A1c and Elective Foot Surgery (Allen Jacobs, DPM)

Dr. Jacobs has opened a very appropriate topic
for discussion. I am not aware of any papers
that specifically relate A1c to foot surgery
success elective or otherwise. The first thing
that I asked myself after considering his
question was: What is “elective” foot surgery?
Certainly, we all agree that the current trend
in “cosmetic” foot surgery is “elective.” I
think the line one draws between elective
surgery and necessary surgery can get grey.

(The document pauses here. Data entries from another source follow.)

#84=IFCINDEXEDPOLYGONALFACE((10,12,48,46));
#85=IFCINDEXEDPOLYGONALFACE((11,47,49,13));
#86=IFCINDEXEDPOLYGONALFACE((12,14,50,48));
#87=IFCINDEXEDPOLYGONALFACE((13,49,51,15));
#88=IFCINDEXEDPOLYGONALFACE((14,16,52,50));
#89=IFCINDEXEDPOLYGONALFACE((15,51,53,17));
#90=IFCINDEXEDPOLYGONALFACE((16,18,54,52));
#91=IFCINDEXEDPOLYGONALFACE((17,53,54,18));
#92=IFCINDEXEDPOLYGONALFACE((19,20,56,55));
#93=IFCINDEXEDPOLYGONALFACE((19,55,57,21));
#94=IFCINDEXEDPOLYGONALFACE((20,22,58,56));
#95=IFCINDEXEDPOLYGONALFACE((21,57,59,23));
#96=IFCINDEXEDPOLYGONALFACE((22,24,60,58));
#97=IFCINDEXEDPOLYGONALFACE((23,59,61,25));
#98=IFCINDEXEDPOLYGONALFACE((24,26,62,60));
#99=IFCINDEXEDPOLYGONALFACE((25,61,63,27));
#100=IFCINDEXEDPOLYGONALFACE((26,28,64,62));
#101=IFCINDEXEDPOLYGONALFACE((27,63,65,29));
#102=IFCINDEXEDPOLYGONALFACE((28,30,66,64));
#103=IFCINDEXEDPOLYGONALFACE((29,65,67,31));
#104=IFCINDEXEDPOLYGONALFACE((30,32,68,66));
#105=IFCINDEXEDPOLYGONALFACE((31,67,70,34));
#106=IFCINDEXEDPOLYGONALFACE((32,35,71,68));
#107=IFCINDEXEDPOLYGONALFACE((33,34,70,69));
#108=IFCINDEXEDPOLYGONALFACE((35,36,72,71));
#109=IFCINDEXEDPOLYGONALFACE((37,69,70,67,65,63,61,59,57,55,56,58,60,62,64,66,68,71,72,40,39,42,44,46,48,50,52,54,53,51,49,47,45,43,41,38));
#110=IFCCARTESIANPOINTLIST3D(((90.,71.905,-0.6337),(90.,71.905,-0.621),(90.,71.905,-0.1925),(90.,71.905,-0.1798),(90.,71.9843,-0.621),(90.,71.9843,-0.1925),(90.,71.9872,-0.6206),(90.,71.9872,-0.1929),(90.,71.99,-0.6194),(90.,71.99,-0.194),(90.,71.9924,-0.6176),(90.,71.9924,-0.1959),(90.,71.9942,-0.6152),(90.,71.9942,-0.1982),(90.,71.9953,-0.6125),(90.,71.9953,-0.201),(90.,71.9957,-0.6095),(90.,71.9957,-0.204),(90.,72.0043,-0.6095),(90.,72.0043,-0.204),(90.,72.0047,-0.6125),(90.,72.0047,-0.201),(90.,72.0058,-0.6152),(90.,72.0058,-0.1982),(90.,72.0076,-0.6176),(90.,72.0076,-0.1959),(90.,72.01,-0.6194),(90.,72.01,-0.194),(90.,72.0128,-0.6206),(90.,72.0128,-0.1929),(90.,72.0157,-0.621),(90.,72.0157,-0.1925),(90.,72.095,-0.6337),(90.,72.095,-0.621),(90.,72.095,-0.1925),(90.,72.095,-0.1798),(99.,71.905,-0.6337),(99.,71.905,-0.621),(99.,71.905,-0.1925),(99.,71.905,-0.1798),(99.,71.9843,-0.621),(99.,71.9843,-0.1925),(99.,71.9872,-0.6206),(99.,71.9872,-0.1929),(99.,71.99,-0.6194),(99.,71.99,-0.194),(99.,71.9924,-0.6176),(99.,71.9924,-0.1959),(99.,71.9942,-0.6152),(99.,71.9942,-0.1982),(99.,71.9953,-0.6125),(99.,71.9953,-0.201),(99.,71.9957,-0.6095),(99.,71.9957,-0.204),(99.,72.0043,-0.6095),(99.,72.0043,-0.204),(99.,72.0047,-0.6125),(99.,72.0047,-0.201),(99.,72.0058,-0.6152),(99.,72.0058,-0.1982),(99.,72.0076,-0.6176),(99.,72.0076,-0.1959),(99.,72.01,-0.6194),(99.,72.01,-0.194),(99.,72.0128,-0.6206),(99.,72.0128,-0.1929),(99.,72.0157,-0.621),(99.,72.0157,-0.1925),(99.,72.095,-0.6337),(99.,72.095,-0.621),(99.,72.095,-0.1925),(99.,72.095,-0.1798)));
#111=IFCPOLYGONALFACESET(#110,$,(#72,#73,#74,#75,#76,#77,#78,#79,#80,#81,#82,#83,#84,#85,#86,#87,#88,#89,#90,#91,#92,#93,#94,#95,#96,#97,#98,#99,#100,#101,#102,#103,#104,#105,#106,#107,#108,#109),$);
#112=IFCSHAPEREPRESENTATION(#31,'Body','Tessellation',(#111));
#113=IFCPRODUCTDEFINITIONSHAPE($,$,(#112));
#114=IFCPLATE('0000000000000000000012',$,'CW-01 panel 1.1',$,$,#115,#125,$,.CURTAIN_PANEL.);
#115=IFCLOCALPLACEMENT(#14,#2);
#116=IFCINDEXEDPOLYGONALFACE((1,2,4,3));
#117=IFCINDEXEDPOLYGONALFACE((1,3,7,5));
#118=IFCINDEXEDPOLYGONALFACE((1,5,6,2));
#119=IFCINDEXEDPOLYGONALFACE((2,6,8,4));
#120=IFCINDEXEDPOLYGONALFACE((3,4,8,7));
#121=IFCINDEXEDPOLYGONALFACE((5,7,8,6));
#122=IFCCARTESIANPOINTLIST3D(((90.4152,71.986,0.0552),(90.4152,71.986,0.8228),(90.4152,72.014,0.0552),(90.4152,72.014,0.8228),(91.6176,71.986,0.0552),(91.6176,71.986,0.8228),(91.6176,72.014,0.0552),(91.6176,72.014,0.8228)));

Perhaps the terms emergent and non-emergent
surgery would be better. Non-elective cases
where one amputates an extremity to avoid
progressive life threatening complication are
clear cut but performing a surgery so that
someone can facilitate ambulation without pain
and maintain a healthy metabolic status and
lifestyle --I put in the grey area.


One of the things that I have learned since
school is that setting finite numbers on
anything usually is not advantageous in the real
world because the real world has so much
variation. Hard finite numbers are clear cut and
helpful for teaching but can get fuzzy in
reality. If anyone makes the statement that it
is wrong to do a non-emergent surgery on a
patient with a A1c of 6.8, and then I do one on
someone at 6.9-- what do you think the legal
system will do with that?


We learned that certain bunion procedures were
applicable for certain IM angles, but I can’t
tell you how many times I have broken those
rules in 23 years because of the multiple
variable that one has to consider. Years ago in
school at CCPM, one of the things that I was
lucky enough to learn is that one must weigh the
risks with the benefits in every case
individually. My training has taught me to
evaluate those risks from a medical stand point
with all those variables and my experience keeps
me learning that the “benefits” from a patients
stand point may not what I, as a podiatrist see
as the “benefit.”


So, all in all, I am not in favor of placing A1C
parameters on diabetic foot surgery. There are
standard values which internists deem good
control, moderate control, and poor control. I
believe that as podiatrists, we need to look at
A1C as only one of the factors in those myriad
of factors that go into pre-operative
evaluation. When it comes down to it, the
decision should be based on risk vs benefit
ratio, which is quite an individual assessment.